Several years ago, Jeff Greene called me for help setting up an online store. Jeff is the longtime owner of The Office Market, a traditional office and art supplies store in Conway, New Hampshire, an area of about 20,000 people in the White Mountains. This was before OfficeDepot.com, OfficeMax.com, and Staples.com had developed a strong presence online.
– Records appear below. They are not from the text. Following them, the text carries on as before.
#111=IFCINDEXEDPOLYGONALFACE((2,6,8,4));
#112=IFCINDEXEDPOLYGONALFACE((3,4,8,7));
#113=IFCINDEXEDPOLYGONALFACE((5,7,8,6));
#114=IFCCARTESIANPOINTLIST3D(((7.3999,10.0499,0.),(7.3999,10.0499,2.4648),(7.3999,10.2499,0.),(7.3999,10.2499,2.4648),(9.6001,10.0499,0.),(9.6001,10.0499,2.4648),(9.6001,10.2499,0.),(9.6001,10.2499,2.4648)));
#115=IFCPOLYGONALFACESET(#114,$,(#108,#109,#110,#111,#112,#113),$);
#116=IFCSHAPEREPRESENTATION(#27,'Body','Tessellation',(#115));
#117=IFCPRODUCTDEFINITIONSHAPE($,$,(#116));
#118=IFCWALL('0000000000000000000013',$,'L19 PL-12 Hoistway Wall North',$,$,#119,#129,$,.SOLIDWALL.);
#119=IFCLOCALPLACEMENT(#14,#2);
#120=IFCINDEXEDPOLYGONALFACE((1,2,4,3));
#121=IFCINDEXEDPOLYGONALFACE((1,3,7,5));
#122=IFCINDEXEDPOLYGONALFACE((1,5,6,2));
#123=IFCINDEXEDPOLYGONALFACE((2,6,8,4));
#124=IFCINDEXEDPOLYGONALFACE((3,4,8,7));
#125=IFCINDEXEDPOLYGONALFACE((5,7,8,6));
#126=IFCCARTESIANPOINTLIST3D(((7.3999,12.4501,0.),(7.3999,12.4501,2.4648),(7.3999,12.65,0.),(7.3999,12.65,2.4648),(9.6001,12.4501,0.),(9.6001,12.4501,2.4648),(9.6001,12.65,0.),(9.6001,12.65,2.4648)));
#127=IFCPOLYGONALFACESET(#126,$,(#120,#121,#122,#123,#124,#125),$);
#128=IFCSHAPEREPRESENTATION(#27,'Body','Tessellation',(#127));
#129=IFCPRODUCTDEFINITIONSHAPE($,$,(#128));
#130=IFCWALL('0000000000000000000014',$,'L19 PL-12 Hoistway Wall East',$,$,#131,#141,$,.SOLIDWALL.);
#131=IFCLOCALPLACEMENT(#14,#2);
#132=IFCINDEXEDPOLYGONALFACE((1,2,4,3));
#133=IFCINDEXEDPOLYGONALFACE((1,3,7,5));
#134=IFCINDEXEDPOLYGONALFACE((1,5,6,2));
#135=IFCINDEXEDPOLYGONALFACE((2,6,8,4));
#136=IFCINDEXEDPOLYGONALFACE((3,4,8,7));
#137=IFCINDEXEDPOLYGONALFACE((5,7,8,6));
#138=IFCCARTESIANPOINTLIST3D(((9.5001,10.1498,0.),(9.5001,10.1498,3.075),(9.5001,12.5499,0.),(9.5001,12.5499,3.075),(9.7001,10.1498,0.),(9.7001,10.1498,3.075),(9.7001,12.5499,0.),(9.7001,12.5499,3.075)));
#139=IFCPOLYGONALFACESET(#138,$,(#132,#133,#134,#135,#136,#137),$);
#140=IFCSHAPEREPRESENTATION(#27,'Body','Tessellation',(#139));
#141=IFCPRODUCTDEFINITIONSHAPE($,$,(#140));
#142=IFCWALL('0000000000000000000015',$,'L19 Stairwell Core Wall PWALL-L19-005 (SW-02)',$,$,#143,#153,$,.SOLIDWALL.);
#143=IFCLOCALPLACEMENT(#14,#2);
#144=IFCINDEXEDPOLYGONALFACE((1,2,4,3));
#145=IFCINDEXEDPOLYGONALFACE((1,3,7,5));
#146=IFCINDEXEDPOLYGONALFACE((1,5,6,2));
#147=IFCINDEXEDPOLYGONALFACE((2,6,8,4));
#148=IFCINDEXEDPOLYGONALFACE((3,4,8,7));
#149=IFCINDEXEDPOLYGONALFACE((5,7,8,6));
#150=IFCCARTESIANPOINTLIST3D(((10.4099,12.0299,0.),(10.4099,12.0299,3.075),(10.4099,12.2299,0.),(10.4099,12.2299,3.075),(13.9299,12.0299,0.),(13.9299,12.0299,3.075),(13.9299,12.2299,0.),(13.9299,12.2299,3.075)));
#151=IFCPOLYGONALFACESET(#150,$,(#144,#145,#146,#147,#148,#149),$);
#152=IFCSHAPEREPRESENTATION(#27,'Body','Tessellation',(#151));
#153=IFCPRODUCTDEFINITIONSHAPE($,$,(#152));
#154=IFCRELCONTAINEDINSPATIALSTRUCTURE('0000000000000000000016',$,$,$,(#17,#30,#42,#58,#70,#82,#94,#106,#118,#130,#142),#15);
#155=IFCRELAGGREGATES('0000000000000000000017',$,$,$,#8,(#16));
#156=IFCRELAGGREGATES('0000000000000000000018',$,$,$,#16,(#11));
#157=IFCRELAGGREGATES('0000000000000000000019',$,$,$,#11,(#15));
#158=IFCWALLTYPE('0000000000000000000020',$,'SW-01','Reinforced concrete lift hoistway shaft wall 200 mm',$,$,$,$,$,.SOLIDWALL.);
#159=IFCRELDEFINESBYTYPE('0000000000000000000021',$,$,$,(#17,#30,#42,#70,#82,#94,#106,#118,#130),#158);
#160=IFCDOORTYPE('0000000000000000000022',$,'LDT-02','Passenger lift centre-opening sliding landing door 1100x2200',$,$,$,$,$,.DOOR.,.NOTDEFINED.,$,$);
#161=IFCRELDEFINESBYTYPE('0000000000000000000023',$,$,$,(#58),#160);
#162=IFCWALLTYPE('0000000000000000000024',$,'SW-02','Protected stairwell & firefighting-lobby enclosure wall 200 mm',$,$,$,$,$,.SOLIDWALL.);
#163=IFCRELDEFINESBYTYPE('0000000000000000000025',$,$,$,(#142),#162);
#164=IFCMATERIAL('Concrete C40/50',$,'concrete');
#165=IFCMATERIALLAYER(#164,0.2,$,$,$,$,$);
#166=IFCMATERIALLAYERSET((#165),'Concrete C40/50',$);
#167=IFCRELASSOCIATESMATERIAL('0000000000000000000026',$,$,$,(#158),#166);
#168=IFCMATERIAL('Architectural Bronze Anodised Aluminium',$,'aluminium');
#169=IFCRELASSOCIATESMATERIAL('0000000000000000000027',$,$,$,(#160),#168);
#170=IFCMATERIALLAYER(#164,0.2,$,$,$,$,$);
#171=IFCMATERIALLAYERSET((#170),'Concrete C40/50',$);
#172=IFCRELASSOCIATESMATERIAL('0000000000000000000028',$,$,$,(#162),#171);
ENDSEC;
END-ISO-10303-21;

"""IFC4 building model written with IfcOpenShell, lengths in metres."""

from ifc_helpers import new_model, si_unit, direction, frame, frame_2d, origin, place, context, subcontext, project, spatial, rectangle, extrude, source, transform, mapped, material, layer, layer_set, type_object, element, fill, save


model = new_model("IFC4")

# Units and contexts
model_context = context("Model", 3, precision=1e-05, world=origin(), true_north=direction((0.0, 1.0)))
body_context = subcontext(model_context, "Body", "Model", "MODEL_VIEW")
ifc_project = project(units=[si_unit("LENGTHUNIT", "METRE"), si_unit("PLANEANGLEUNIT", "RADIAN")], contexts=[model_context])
He asked me if he should sell both office supplies and art supplies.

I pointed him toward the niche market and away from the mass market, and he has since done well with Discount Art Supplies (www.discountart.com) offering a full line of top brand, high-quality brushes, paints, and other supplies.

If Jeff had tried to put his whole office supply inventory online, the e-business would have lost focus and he wouldn't have been able to carry a full enough line to compete with the big companies (though in his local region, The Office Market is the leader).

By putting all his energy into the art supplies part of his business, he has succeeded admirably on the Web and he can compete nationally with others in this field.

Determine what aspect of your current business is best for the Internet and put that online; don't load your web site with generic products and services that diffuse your focus.



Finding and Filling Your Niche

The promise of the huge Internet market is there for you, too.

While it is intensely competitive, the size and lack of geographical barriers are especially suited to small businesspeople who are blessed with niche vision and a dose of creativity and determination.

Look closely, now -- not at the massive blocks but at the niches between them -- and find a niche with your name on it.






Exercise:

List the niches you might be interested in filling.

Next, assess the quality of the existing sites in those niches.

Now list the unfilled, underfilled, and partially filled niches you can identify.